Where next for LinkedIn?

Over the past few months, we've seen Microsoft take a bite out of Facebook, rumours circling about the future ownership and direction of MySpace, while more recently Digg being subject to fervent speculation. None of these had low price tags attached to them.

If a global economic downturn and a general tightening of belts among money lenders were supposed to have a negative impact on further acquisitions and deals, then nobody remembered to tell those snooping around the Web 2.0 market. This is illustrated by the latest ongoing target of takeover rumour - the professional social networking service, LinkedIn.

The difference

LinkedIn is quite different to many of the big name social networking services, given the stringent way it limits itself to being a professional tool. Users are invited to sign up and befriend business contacts. Key information you're expected to provide includes a potted career CV, with hints of what kind of challenge you're looking for next, rather than your favourite bands and top movies. Furthermore, people can recommend one another, with the idea being that the site can act as a shop window for your skills and expertise, and a place for you to seek out fresh opportunities and business contacts.

The service itself is quite enduring, in contrast to some in the market, having being founded at the back end of 2002 (by former PayPal Executive Vice President Reid Hoffman, who is still working for LinkedIn), before its live launch in the spring of the following year. Since then, it's quietly built up a membership of more than 17 million users, with a particular growth spurt in the last twelve months. That's less than the kind of numbers captured by MySpace and Facebook, but crucially, those 17 million people sit in one of the most lucrative market demographics. As a result LinkedIn is one of the few services of its ilk to be showing a profit. Equally, its potentially high-spending user base has been on the radar as a takeover target.

That said, LinkedIn isn't a universally adored service, with the restrictions placed upon what you can and can't do when you're signed up for the service a real bugbear for some. This is very much a service where you come in, connect with people, hunt out business opportunities and contacts, and head back out.
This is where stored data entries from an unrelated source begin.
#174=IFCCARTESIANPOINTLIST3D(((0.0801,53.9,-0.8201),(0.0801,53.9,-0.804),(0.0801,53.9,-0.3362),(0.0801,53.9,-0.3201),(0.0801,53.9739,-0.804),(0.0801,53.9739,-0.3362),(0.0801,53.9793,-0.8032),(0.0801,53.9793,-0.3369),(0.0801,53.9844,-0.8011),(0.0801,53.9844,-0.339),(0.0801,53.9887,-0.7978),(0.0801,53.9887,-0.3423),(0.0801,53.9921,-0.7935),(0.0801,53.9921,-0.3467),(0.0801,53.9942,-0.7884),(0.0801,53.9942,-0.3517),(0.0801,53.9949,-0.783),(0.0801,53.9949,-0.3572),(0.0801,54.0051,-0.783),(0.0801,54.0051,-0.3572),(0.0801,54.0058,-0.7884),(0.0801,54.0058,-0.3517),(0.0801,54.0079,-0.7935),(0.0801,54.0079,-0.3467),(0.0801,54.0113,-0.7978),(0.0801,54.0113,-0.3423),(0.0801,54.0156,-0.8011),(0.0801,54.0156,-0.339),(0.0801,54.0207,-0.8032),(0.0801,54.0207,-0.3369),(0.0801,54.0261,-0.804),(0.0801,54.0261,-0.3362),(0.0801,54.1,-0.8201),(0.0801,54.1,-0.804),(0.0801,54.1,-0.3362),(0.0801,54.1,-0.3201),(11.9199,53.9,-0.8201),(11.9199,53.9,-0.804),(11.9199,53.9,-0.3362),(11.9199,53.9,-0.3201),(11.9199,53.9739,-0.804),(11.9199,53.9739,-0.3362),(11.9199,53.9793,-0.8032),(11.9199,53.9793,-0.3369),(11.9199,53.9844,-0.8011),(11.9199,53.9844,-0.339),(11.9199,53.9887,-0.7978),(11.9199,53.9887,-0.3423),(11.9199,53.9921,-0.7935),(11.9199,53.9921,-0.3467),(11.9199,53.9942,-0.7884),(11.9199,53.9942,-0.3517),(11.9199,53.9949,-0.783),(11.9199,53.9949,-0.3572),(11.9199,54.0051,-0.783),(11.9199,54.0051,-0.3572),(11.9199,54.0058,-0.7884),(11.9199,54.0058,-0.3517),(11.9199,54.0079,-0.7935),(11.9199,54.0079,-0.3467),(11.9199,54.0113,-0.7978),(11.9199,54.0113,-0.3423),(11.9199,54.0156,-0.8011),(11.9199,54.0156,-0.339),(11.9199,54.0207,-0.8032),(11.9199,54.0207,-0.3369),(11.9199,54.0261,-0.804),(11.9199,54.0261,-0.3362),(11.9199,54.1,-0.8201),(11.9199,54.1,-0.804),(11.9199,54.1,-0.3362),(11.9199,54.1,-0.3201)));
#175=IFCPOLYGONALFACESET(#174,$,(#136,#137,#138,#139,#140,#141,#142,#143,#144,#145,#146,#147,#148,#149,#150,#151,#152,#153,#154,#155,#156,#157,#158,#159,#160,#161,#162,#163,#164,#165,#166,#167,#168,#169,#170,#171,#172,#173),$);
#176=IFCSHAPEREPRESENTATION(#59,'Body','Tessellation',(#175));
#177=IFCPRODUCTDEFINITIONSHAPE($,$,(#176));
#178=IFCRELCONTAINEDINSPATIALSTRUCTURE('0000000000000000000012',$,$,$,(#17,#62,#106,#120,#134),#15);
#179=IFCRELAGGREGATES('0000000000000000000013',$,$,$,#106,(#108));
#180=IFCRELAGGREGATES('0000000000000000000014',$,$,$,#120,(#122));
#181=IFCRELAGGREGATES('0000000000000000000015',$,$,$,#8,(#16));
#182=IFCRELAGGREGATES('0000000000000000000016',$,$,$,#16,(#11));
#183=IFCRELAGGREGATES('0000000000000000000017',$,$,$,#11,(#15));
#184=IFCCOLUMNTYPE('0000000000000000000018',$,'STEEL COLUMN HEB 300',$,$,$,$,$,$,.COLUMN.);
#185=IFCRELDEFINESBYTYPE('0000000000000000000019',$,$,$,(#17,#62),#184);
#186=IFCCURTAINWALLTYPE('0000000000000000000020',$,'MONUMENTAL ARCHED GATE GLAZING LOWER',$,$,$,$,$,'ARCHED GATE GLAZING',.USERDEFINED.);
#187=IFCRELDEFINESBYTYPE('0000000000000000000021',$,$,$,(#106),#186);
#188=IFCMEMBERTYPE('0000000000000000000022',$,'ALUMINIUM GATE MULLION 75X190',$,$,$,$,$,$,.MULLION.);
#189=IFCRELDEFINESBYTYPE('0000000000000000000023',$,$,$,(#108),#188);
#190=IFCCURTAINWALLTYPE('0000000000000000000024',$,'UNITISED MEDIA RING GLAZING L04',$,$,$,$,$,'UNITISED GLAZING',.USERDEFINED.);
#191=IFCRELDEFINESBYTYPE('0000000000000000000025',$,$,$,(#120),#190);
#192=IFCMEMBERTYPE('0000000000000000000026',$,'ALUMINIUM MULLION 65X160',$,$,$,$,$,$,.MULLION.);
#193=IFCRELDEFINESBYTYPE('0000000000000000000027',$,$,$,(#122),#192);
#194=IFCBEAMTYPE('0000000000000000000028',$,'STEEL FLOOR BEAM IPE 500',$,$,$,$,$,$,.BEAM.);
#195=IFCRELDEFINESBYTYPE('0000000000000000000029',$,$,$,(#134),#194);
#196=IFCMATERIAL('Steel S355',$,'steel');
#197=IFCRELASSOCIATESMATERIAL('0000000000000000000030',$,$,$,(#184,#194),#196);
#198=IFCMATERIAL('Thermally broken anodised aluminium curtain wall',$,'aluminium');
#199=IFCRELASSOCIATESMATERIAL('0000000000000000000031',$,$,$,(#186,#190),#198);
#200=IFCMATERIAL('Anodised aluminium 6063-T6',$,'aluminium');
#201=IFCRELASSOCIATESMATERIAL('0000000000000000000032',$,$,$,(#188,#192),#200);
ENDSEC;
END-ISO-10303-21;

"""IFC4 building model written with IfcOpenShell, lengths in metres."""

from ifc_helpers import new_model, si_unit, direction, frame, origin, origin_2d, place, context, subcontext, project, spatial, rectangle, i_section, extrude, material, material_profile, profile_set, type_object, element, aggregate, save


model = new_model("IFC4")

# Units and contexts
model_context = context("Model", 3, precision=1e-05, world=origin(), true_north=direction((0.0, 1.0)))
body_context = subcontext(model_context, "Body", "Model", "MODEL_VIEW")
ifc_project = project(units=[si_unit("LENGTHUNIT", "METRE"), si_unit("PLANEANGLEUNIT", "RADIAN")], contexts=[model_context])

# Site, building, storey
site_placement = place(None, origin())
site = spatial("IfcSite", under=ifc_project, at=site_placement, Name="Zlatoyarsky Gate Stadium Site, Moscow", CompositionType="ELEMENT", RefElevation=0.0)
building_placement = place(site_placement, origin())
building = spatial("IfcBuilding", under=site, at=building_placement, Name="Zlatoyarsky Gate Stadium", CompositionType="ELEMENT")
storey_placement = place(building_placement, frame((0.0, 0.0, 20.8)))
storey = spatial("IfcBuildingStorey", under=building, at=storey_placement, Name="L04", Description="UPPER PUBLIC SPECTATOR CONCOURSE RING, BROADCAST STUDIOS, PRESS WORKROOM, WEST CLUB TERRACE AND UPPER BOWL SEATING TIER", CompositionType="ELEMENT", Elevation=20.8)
There's no chance of a game of Scrabulous here. And while LinkedIn's team has tried to add new features, it's still quite a prescriptive service by comparison (although it's now been confirmed that third party companies are to be allowed, Facebook-style, to write plug-in applications for the service, which should ultimately resolve this issue over time).

Yet this hasn't stopped a flurry of potential suitors being attracted to the LinkedIn service, and it's not hard to see why. Even on top of the points mentioned thus far, there's the inescapable fact that LinkedIn is still growing, and at speed. Visitor numbers have increased by more than 400 per cent over the course of the past year, and over the next four years the reported potential is for a more-than-25-fold increase in traffic. Whether that projection is optimistic or otherwise remains to be seen, but it's more definite that millions of professional users are coming to LinkedIn every month, and there's still plenty of headroom for growth.
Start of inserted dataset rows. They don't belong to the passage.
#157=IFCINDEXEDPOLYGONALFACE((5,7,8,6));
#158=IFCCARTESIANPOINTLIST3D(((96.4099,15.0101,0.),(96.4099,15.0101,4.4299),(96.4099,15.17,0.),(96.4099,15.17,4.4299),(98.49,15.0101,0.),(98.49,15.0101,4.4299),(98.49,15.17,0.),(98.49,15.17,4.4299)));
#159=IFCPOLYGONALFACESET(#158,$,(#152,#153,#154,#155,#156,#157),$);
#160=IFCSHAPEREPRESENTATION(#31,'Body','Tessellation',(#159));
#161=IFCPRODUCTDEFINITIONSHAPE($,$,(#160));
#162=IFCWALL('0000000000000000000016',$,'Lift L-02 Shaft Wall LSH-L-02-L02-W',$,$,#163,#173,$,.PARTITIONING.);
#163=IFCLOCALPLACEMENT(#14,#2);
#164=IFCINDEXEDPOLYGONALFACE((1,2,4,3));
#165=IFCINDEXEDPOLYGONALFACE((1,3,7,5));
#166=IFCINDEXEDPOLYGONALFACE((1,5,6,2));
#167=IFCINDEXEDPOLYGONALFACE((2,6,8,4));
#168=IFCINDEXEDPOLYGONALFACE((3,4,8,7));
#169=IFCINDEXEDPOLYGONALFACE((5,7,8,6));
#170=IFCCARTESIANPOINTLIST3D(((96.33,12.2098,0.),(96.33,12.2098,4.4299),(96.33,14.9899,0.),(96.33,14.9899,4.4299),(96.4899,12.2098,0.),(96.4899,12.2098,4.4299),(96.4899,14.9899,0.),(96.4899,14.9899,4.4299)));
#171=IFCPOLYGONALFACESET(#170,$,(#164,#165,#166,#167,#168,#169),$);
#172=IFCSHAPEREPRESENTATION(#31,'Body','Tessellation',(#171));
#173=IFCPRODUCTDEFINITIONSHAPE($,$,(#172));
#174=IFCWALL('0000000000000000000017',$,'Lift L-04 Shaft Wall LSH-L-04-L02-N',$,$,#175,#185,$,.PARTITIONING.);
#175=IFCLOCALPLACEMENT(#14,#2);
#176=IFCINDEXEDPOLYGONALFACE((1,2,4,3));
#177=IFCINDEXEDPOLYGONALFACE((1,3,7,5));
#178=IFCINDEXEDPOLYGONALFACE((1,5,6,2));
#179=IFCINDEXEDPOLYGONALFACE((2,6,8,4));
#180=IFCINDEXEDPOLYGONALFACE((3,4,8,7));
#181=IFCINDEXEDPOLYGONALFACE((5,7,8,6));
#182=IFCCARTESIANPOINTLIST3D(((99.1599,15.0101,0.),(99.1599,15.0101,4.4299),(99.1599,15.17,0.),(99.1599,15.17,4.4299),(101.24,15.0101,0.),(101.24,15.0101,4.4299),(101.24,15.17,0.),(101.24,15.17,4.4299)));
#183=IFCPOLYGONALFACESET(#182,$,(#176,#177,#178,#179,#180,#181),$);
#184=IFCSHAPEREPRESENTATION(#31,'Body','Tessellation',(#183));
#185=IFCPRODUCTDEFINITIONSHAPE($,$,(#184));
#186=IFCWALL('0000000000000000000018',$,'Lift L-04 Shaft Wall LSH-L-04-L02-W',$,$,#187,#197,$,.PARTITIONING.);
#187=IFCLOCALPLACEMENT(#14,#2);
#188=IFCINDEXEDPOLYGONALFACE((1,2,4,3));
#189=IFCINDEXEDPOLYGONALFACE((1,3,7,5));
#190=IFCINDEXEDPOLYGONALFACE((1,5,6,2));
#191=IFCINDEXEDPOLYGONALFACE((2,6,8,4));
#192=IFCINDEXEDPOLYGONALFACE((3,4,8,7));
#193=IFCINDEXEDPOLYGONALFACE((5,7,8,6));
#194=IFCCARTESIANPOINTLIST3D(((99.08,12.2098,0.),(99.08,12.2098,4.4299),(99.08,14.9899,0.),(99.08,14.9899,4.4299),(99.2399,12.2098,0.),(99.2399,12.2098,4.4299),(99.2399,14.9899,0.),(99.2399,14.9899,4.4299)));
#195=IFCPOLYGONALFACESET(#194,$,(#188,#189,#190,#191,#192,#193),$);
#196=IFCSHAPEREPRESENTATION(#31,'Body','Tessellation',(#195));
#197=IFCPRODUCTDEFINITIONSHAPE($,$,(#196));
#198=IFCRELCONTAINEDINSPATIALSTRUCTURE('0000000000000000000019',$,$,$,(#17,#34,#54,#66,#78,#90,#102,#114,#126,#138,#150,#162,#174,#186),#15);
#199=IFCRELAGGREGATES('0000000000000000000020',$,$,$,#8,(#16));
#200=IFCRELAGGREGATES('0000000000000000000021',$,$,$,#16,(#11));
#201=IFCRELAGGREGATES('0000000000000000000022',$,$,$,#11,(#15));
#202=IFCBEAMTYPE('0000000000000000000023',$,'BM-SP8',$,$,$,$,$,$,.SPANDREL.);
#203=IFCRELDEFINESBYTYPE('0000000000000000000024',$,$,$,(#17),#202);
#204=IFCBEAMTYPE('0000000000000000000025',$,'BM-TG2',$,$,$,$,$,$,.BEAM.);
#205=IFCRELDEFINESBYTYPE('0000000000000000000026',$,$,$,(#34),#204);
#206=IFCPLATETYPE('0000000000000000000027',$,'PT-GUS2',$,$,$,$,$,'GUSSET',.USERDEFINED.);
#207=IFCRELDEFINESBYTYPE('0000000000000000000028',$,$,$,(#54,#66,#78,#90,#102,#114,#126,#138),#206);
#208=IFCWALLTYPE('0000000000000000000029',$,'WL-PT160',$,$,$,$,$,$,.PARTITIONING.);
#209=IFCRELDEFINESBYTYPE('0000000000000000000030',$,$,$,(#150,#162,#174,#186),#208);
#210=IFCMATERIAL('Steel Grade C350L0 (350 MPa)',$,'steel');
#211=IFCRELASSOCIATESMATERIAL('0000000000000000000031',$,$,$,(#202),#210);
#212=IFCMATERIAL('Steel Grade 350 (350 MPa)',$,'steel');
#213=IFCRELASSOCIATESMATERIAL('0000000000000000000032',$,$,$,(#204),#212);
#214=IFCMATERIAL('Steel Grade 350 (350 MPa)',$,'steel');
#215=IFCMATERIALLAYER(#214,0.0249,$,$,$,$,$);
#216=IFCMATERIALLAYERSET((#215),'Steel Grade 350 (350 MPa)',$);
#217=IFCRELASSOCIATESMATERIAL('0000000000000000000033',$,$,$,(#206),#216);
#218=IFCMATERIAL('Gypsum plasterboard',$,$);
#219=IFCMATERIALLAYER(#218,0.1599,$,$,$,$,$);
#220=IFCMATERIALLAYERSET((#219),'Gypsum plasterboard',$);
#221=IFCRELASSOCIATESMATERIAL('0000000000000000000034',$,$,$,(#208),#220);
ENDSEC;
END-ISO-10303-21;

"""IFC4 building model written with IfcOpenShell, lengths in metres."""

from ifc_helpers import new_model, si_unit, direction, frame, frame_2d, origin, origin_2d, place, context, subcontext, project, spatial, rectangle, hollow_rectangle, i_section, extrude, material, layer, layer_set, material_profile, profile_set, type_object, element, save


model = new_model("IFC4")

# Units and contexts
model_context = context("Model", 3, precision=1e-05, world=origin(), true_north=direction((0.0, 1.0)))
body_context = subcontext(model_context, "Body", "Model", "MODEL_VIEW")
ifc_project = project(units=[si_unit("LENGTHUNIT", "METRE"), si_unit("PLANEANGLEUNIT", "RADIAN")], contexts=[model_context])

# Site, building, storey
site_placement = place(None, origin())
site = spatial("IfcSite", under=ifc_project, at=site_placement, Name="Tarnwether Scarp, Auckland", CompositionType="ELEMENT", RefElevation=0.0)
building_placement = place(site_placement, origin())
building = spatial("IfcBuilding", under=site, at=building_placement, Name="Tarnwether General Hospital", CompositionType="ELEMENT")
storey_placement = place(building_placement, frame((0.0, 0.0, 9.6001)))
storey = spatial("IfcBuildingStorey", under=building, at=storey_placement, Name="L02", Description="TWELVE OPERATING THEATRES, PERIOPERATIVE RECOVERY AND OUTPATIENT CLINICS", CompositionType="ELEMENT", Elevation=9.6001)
That, combined with the fervent shopping speculation that surrounds pretty much any social networking site of note in the current climate has resulted in, inevitably, takeover talk.

But just who would be interested in buying LinkedIn up?

Suitors

It's perhaps little surprise that one of the first names to be mentioned has been Rupert Murdoch's News Corporation. In spite of the fact that it already owns MySpace, the group has nonetheless been linked regularly with other social networking properties, LinkedIn included. And so at the back end of 2007, it was strongly reported that News Corporation was preparing a bid in the region of a massive $1 billion (500 million). That's a staggering amount of money for a service that, while profitable, isn't that profitable. However, it is indicative of a market belief of the long term value of a popular social networking service on a firm's asset register.

Given some of the respected brands in the Murdoch stable, the Wall Street Journal being the latest, there's some degree of logical fit for LinkedIn within the group. However, thus far nothing has come to pass, and instead, rumours persist that Murdoch's companies are hard at work on a LinkedIn rival of their own, using the MySpace technology as a starting point. One way or another, we should find out within the next month or so.

Don't discount the usual suspects, either. While there hasn't been direct word associating the likes of Yahoo and Microsoft (before the former became subject to a takeover bid by the latter) with a purchase, both are believed to be sniffing out any potential social networking opportunities. That said, LinkedIn is perhaps a more logical fit for an existing media company than a web or computing specialist, and especially one with a relatively high-brow audience.

What ultimately differentiates LinkedIn again from many of the alternative social networking services is that there's a strong likelihood that its management team would seek to maximise the current price of the service. Or more bluntly: that they're more likely to consider a sale for their company. There's been no strong rejection statement, no recent mention on LinkedIn's company blog, instead a wall of silence in response to the ongoing rumours. This has further fuelled the rumour mill, which has been suggesting that LinkedIn may turn out to be the first major transaction of its ilk of 2008.

Certainly the murmurings are that something will come about in January and February, given LinkedIn's supposed openness to a deal. In short, LinkedIn isn't so much vulnerable to takeover, as some of the inclusions in this series have been. Instead, it may actively be seeking a deal, and looking to sell the business while it still remains a seller's market.